2. The method of claim 1 , wherein the selected content comprises at least one of text, audio, an image, a video, and a web link.
3. The method of claim 1 , the web page being displayed in response to a user search query in a search engine, and the first keyword being determined based on the web page and the user search query.
4. The method of claim 1 , comprising
determining a category of the first keyword, a category being selected from the group of a noun, a verb, a place, a person, and an other part of speech; and
generating content, using a natural language text generation algorithm, based on the first keyword and the determined category.
5. The method of claim 1 , comprising
receiving content extracted from a web page provided by the search engine in response to a query having the first keyword; and
adding the content to the web page to improve the page rank of the web page.

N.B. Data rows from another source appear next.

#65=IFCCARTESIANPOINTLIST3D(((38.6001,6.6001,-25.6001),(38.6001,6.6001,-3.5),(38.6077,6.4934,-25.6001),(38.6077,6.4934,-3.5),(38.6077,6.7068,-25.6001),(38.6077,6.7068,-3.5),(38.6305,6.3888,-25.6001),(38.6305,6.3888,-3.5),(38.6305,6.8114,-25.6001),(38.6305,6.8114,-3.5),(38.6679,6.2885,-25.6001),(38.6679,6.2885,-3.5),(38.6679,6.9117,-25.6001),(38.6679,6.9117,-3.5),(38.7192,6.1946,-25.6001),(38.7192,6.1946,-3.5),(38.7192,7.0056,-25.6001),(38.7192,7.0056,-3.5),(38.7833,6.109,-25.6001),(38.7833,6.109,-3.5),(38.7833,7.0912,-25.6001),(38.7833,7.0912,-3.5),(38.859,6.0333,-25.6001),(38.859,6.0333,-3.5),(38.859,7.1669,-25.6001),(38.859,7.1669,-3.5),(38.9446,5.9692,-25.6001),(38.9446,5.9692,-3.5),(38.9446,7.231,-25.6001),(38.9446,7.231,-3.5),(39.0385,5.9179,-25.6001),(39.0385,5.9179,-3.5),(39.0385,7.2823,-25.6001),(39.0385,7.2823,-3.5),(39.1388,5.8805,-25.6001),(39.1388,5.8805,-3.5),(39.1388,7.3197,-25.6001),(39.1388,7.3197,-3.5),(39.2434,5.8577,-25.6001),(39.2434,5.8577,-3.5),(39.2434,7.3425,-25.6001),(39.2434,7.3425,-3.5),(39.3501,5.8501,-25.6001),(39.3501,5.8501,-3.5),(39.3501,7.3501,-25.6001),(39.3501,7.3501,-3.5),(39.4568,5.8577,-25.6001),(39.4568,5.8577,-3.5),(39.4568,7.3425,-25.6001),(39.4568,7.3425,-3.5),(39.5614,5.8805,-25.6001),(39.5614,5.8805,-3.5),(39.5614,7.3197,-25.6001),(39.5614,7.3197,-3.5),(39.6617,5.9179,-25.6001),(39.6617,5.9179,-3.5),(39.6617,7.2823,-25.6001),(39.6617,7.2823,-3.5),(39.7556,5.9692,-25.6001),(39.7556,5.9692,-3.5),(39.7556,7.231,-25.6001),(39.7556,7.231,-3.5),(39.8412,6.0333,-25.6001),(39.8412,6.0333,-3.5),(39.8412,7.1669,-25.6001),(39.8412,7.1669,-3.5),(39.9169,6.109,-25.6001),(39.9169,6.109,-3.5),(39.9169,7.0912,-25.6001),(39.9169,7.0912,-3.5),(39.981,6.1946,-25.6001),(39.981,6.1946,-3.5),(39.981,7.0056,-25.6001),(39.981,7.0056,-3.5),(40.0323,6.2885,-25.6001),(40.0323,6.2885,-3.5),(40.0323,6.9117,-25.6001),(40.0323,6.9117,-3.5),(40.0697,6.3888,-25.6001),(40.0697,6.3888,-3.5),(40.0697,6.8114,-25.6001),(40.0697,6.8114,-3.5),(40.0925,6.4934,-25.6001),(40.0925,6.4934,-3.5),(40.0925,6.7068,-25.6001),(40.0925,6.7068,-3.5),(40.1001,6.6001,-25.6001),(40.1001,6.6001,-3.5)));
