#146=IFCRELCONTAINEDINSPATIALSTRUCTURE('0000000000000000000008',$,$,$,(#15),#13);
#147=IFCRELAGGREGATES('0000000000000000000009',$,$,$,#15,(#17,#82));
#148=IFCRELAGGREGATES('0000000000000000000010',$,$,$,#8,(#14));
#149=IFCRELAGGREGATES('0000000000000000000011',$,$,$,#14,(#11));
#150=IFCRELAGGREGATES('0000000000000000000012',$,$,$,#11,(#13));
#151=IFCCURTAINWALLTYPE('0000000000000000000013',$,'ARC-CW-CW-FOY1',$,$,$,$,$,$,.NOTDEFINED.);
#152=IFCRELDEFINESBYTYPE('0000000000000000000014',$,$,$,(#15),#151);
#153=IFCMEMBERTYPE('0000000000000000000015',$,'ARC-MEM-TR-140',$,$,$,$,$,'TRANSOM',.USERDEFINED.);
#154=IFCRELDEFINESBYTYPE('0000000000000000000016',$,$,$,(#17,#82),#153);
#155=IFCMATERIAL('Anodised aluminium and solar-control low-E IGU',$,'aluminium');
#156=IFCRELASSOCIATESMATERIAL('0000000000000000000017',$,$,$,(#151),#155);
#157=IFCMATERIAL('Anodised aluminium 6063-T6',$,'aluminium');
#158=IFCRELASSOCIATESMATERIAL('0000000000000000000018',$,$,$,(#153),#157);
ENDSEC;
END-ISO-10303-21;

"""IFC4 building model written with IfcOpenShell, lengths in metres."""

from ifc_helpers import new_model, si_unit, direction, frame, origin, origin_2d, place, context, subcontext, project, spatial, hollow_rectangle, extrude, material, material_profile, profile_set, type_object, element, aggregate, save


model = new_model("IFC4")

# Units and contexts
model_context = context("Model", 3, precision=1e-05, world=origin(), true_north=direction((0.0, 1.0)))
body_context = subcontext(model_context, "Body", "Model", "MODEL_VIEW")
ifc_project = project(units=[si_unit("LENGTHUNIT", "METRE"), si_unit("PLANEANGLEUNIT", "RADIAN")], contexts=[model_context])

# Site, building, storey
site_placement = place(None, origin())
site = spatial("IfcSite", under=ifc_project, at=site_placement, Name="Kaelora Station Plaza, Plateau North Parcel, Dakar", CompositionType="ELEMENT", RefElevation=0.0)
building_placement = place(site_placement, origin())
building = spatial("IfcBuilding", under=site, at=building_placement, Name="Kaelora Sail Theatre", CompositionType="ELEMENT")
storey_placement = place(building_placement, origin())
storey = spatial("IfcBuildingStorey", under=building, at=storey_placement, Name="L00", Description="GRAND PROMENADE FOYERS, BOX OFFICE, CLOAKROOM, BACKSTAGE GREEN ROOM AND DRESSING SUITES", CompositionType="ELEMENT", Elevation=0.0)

6. A method for generating content for an advertisement, comprising
processing a database using orthogonal corpus indexing to derive a plurality of keywords being related to content in the database;
receiving an ad word related to the advertisement;
determining a first keyword related to the received ad word;
selecting content from the database based on at least one of the first keyword and the received ad word; and
adding the selected content to the advertisement for display.
7. The method of claim 6 , the advertisement being displayed in response to a user search query in a search engine, and the first keyword being determined based on the received ad word and the user search query.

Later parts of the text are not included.